Got the new tires and wheels in friday had them on friday night.Got 28" swamplites on black ss 212's.Getting ready to change out the springs looking at green or lime green on the secondary or should i go with something else because of the weight of the t-rex also which primary should i use.This is gonna be the trail riding bike not getting in the bad stuff..


----------



## Bootlegger (Dec 18, 2008)

I would run a Green one if it was me with a Pink Primary...


----------



## superbogger750 (Jan 8, 2009)

No green not stromg enough you need to run a red.A Teryx is very heavy thats why they are so hard on belt's.


----------



## Bootlegger (Dec 18, 2008)

Is that what you are running Toby? Just curious....how much have you got to ride it with the red one in it? So we have been using the Green with 27's and Lime Green with 28's and then the Blue with 29.5's. and have only used it I think once with a set of 30's. On EPI's site they only go up to a Blue for the Teryx "not sure why"....which I am sure you know the Blue is almost just as stiff as the red and even stiffer when compressed to 1&1/4 inch. This is something I am really wanting to know...any info after you ride it for a while would be great.... Thanks!
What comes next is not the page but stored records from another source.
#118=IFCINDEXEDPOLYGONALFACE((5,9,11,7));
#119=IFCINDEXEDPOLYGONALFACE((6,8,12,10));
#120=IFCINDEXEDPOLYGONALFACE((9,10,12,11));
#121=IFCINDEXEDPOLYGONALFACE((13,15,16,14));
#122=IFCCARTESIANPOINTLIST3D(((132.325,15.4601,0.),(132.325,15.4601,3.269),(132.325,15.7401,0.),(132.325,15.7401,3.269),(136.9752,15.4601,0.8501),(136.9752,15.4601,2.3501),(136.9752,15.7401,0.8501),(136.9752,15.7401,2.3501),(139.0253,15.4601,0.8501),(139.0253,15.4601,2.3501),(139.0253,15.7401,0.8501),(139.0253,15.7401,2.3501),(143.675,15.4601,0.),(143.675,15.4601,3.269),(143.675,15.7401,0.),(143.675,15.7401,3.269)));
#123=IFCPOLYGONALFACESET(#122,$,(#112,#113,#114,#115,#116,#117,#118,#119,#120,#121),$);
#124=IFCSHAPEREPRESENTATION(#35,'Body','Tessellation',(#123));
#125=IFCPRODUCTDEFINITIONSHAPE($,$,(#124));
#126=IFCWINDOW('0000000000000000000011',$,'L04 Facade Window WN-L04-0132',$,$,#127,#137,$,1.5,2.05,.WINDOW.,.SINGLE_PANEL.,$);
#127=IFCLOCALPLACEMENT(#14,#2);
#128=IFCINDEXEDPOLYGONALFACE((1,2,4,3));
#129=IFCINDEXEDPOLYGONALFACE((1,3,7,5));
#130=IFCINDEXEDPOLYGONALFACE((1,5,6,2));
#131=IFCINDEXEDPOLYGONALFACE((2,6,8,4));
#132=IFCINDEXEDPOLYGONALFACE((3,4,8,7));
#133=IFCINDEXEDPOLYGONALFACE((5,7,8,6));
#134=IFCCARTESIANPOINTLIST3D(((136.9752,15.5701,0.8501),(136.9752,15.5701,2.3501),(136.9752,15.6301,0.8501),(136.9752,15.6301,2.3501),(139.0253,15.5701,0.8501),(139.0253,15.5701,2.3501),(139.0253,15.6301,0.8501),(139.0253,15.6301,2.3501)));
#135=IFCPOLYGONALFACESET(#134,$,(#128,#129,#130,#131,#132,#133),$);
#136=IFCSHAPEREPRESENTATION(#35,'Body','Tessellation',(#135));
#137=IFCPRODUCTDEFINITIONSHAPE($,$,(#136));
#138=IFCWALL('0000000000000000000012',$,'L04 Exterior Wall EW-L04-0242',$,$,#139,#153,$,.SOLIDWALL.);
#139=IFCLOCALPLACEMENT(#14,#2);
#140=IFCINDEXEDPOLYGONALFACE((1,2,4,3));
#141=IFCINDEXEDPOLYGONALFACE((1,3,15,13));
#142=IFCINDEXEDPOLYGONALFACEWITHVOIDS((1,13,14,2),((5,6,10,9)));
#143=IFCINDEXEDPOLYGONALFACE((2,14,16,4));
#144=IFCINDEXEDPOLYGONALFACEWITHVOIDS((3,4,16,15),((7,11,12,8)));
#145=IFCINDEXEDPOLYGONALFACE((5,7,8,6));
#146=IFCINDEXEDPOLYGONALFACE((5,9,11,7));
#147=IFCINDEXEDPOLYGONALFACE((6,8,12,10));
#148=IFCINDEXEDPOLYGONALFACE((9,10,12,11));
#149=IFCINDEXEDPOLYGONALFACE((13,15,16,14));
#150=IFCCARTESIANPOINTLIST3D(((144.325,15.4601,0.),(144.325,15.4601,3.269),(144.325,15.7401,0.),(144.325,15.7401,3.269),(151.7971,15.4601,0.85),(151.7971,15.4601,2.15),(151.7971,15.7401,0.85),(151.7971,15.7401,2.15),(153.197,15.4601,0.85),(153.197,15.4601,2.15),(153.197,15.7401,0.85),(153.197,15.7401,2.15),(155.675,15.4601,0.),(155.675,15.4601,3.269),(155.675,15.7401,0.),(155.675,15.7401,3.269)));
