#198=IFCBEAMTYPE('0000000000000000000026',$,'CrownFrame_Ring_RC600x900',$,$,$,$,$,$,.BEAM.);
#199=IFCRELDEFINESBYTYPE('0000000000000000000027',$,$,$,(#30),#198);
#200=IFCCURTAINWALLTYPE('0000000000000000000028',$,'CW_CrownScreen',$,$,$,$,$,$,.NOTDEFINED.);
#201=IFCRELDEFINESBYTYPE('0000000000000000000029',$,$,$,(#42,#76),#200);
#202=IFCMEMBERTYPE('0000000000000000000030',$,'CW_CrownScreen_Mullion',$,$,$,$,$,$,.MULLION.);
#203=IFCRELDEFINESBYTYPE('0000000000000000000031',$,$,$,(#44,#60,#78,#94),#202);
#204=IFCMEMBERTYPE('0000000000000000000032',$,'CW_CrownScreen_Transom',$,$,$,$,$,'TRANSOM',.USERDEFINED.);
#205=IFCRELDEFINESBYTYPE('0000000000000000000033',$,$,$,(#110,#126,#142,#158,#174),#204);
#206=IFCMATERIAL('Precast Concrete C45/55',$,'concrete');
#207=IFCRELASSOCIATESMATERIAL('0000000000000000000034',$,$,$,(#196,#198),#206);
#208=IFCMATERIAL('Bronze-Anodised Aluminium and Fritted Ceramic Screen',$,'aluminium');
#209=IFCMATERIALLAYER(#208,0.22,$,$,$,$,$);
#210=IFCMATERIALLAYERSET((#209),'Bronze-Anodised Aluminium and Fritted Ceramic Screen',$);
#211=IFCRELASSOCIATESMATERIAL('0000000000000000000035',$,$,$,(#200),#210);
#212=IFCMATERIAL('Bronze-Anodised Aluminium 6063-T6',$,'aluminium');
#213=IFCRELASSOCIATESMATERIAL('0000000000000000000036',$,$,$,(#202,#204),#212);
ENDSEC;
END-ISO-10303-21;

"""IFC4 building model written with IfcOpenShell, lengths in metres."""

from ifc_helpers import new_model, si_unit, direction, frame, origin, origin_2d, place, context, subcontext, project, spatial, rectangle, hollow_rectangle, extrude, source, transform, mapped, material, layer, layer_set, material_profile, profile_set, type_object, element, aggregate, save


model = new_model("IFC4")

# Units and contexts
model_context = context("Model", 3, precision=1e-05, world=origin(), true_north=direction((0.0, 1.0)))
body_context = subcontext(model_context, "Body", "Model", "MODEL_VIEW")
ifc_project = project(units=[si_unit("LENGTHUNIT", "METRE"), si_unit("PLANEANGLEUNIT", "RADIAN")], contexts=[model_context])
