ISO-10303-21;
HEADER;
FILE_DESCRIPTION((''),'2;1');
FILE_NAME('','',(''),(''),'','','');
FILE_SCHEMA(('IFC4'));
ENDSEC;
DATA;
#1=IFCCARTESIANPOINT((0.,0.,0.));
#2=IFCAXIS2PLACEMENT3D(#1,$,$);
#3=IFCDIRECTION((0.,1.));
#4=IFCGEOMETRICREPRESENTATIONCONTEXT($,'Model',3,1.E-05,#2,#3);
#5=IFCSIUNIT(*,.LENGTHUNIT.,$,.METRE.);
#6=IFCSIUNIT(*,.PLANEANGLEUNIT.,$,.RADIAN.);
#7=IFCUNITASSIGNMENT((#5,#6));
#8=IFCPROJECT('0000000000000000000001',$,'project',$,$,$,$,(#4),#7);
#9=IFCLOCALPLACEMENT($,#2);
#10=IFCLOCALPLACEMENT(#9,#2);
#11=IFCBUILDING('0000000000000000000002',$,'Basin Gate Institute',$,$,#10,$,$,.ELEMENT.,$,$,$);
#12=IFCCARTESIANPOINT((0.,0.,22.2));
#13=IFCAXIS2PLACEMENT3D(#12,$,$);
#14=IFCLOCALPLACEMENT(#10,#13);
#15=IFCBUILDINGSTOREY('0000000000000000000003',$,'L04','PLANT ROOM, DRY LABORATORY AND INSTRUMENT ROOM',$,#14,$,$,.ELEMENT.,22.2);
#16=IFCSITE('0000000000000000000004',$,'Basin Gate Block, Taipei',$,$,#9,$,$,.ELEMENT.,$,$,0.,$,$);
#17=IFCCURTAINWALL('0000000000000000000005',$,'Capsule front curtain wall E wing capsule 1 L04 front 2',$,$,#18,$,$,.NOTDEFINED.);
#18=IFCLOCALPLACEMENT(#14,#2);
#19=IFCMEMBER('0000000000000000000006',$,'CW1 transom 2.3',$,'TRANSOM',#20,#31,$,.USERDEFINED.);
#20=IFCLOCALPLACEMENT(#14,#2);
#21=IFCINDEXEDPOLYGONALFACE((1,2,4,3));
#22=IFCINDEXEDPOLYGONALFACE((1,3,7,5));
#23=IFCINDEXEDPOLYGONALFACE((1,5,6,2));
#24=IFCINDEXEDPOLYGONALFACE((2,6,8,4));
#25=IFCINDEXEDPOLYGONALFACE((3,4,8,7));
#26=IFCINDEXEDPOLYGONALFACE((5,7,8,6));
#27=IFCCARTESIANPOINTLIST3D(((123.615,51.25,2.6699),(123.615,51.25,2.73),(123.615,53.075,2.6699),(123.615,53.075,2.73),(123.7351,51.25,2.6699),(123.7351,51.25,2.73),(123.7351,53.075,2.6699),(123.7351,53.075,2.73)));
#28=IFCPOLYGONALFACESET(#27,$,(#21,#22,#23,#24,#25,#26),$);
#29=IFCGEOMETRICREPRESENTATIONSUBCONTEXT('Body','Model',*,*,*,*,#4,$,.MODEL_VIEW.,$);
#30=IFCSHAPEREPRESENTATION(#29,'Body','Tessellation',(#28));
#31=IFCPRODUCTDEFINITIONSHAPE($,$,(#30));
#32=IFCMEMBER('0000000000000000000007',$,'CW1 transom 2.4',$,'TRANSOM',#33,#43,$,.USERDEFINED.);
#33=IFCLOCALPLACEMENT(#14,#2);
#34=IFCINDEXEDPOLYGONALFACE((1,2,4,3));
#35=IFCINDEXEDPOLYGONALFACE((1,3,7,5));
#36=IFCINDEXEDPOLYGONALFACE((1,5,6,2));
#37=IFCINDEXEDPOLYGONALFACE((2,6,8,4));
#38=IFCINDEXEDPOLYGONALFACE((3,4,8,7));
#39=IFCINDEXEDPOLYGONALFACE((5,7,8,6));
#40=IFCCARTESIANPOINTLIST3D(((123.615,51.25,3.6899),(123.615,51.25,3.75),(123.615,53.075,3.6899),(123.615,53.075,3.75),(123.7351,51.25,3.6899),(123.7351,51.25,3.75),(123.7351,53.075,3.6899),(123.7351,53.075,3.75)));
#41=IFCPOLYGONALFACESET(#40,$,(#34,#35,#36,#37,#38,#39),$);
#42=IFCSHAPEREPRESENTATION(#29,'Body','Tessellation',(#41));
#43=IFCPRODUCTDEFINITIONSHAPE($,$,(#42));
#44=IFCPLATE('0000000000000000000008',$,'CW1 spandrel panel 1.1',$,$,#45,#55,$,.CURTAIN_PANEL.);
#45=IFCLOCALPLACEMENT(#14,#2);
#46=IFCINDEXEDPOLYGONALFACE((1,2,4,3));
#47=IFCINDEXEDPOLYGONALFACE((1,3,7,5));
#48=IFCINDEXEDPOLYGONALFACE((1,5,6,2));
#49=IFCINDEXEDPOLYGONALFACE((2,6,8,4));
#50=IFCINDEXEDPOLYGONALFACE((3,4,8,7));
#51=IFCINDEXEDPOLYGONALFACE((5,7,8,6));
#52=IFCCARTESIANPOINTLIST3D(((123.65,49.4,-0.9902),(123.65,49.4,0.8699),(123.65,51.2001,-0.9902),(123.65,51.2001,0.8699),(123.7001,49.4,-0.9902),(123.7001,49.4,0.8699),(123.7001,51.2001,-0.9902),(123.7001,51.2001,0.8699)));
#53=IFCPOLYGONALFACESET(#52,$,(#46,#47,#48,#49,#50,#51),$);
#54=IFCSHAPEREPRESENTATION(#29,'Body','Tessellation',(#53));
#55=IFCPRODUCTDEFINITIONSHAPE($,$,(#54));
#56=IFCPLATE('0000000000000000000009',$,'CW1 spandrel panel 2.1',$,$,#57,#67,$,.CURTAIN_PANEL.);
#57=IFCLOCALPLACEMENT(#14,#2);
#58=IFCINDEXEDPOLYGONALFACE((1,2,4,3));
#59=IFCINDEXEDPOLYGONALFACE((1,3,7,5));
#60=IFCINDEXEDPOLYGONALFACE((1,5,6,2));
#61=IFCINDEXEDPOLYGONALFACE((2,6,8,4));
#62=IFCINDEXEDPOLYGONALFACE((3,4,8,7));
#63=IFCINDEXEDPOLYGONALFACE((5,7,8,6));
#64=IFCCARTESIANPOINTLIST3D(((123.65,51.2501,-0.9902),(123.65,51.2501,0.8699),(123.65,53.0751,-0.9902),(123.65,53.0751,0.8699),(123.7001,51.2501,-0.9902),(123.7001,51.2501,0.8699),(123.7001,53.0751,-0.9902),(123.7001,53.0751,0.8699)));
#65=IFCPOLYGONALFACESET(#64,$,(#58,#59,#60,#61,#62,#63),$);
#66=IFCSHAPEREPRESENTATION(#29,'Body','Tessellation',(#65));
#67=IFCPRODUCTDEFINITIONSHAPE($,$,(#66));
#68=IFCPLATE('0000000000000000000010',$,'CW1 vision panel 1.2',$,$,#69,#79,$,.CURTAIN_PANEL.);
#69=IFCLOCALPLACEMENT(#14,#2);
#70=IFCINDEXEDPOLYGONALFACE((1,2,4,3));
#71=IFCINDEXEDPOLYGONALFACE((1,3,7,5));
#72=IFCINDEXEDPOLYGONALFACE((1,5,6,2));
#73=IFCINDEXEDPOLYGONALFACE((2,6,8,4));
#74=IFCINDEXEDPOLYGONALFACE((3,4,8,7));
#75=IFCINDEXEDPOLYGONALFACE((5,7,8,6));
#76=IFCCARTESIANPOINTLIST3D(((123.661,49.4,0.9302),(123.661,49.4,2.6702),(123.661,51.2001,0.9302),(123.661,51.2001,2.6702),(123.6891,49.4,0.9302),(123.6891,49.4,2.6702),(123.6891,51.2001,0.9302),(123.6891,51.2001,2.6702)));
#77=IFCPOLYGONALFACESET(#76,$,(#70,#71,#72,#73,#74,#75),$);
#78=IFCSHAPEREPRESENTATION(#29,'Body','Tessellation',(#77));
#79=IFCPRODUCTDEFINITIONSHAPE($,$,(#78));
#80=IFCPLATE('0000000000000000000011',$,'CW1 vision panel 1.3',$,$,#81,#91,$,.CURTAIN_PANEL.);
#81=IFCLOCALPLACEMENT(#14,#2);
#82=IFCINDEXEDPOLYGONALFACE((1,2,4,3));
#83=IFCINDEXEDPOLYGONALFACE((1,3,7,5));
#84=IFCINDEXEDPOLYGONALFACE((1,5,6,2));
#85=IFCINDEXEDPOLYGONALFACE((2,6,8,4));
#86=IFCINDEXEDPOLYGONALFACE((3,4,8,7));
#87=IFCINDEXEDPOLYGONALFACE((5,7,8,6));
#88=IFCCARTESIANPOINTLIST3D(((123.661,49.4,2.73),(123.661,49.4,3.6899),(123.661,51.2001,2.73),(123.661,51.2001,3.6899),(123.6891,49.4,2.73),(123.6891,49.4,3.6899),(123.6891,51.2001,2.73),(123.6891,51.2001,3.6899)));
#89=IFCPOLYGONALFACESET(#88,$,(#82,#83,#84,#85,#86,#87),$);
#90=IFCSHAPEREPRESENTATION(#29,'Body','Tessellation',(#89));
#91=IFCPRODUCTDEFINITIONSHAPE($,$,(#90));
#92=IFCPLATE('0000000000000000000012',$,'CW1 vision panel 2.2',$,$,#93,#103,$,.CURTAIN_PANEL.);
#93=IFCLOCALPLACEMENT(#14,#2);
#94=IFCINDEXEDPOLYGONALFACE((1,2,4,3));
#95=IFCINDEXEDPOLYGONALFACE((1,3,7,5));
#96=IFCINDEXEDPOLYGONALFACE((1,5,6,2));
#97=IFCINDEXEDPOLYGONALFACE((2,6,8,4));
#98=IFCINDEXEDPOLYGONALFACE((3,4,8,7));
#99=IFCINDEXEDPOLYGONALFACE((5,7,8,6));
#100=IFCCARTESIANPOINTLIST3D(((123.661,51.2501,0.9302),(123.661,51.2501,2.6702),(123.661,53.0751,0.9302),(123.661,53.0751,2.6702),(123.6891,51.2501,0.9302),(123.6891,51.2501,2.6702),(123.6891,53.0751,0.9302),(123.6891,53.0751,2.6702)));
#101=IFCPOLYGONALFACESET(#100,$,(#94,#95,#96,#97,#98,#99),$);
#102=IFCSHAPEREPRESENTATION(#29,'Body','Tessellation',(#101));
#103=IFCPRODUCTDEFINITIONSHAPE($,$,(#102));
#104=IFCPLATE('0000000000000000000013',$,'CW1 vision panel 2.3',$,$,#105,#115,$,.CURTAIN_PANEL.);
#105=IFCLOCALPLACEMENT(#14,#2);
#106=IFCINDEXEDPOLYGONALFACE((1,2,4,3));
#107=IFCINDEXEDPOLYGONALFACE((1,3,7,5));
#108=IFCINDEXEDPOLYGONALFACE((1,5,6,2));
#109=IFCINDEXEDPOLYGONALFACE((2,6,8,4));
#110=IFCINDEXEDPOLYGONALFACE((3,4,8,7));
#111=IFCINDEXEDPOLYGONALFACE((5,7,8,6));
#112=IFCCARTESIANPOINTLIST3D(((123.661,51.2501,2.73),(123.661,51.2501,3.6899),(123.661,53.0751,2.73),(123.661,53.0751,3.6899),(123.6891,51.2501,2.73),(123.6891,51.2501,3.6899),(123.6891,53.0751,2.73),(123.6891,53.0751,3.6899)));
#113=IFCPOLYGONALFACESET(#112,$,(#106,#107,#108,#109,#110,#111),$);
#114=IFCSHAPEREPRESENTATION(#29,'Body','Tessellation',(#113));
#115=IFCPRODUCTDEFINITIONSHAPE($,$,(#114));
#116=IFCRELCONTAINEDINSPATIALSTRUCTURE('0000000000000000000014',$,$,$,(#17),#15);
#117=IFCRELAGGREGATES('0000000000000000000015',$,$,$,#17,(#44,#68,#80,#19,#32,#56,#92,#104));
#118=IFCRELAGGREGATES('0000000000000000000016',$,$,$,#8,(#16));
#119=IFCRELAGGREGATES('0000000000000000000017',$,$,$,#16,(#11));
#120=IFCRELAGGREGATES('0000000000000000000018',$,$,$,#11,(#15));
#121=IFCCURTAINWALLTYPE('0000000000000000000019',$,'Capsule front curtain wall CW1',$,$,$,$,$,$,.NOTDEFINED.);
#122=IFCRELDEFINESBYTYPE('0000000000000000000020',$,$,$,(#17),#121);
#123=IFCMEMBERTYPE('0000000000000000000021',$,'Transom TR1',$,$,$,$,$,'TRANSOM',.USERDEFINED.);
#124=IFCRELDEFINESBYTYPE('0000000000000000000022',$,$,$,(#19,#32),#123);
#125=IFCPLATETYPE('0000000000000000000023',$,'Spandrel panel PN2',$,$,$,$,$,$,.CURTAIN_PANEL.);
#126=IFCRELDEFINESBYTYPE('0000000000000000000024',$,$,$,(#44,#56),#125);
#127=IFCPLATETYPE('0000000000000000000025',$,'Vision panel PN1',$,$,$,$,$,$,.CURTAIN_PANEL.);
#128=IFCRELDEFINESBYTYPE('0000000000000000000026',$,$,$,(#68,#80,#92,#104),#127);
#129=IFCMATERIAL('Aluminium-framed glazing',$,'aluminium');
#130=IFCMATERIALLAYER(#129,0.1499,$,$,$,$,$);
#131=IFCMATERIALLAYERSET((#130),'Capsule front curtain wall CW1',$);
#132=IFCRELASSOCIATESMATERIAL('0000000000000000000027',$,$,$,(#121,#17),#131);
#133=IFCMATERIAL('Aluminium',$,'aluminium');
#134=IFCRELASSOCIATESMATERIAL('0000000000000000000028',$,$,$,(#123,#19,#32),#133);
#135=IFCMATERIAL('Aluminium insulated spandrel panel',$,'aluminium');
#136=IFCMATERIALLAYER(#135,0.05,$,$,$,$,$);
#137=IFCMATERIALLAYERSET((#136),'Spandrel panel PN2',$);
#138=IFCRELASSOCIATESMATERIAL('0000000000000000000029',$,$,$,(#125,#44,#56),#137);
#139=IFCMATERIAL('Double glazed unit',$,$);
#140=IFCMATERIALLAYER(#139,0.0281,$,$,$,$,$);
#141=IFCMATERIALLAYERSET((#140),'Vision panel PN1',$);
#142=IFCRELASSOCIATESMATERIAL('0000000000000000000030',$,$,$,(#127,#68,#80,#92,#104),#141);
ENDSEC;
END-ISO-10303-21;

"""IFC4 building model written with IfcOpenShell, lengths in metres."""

from ifc_helpers import new_model, si_unit, direction, frame, origin, origin_2d, place, context, subcontext, project, spatial, rectangle, extrude, material, layer, layer_set, material_profile, profile_set, type_object, element, aggregate, save


model = new_model("IFC4")

# Units and contexts
model_context = context("Model", 3, precision=1e-05, world=origin(), true_north=direction((0.0, 1.0)))
body_context = subcontext(model_context, "Body", "Model", "MODEL_VIEW")
ifc_project = project(units=[si_unit("LENGTHUNIT", "METRE"), si_unit("PLANEANGLEUNIT", "RADIAN")], contexts=[model_context])

# Site, building, storey
site_placement = place(None, origin())
site = spatial("IfcSite", under=ifc_project, at=site_placement, Name="Basin Gate Block, Taipei", CompositionType="ELEMENT", RefElevation=0.0)
building_placement = place(site_placement, origin())
building = spatial("IfcBuilding", under=site, at=building_placement, Name="Basin Gate Institute", CompositionType="ELEMENT")
storey_placement = place(building_placement, frame((0.0, 0.0, 22.2)))
storey = spatial("IfcBuildingStorey", under=building, at=storey_placement, Name="L04", Description="PLANT ROOM, DRY LABORATORY AND INSTRUMENT ROOM", CompositionType="ELEMENT", Elevation=22.2)

# Shared definitions
ifc_material_1 = material(Name="Aluminium-framed glazing", Category="aluminium")
ifc_layer_1 = layer(ifc_material_1, 0.1499)
ifc_layer_set_1 = layer_set([ifc_layer_1], Name="Capsule front curtain wall CW1")
curtain_wall_type = type_object("IfcCurtainWallType", Name="Capsule front curtain wall CW1", PredefinedType="NOTDEFINED", material=ifc_layer_set_1)

# Curtain wall
curtain_wall_1_placement = place(storey_placement, origin())
curtain_wall_1 = element("IfcCurtainWall", 1, at=curtain_wall_1_placement, inside=storey, type_object=curtain_wall_type, material=ifc_layer_set_1, Name="Capsule front curtain wall E wing capsule 1 L04 front 2", PredefinedType="NOTDEFINED")

# Members
ifc_material_2 = material(Name="Aluminium", Category="aluminium")
ifc_material_profile_1 = material_profile(ifc_material_2, rectangle(XDim=0.1201, YDim=0.0601, at=origin_2d()), Name="Transom TR1 120 x 60")
ifc_profile_set_1 = profile_set([ifc_material_profile_1], Name="Aluminium")
member_type_1 = type_object("IfcMemberType", Name="Transom TR1", ElementType="TRANSOM", PredefinedType="USERDEFINED", material=ifc_profile_set_1)
member_1_placement = place(storey_placement, frame((123.675, 51.25, 2.7), z_axis=(0.0, 1.0, 0.0), x_axis=(-1.0, 0.0, 0.0)))
member_1 = element("IfcMember", 2, at=member_1_placement, type_object=member_type_1, material=ifc_profile_set_1, Name="CW1 transom 2.3", ObjectType="TRANSOM", PredefinedType="USERDEFINED", context=body_context, shape_type="SweptSolid", body=[
    extrude(rectangle(XDim=0.1201, YDim=0.0601, at=origin_2d()), origin(), (0.0, 0.0, 1.0), 1.825),
])
member_2_placement = place(storey_placement, frame((123.675, 51.25, 3.72), z_axis=(0.0, 1.0, 0.0), x_axis=(-1.0, 0.0, 0.0)))
member_2 = element("IfcMember", 3, at=member_2_placement, type_object=member_type_1, material=ifc_profile_set_1, Name="CW1 transom 2.4", ObjectType="TRANSOM", PredefinedType="USERDEFINED", context=body_context, shape_type="SweptSolid", body=[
BTW....sorry...I thought your post said 27's...My FAULT!


----------



## superbogger750 (Jan 8, 2009)

I have several mile's on mine with the red with the stock motor and it does good but if you get in some nasty mud in reverse it will still slip the belt.The Teryx is alot different to clutch than a brute because of the weight.But with my 840 and NOS im going to try the red but im probly going to have to go with a yellow spring.


----------



## Bootlegger (Dec 18, 2008)

superbogger750 said:


> I have several mile's on mine with the red with the stock motor and it does good but if you get in some nasty mud in reverse it will still slip the belt.The Teryx is alot different to clutch than a brute because of the weight.But with my 840 and NOS im going to try the red but im probly going to have to go with a yellow spring.


Ok...Thanks Toby. Like I said I haven't got do much with it yet....I do know that the 09 & 2010's... when they went to EFI Kawie Changed some things as you know...one was a stiffer secondary. For the guys with the 08's...you may wanna ask your local Kawie dealer about it....reason being is Kawie sent us a box full of OEM secondary springs and said that when we get any 08's in for service that if they still have the 08 OEM secondary spring to change it out and bill them the hours. The weird thing is...there was no recall or bulletin about it....just an email from our district Rep. basically from what I was told the 09 & 10 models secondary is the almost the same as an EPI Almond secondary. Again....Thanks Toby!


----------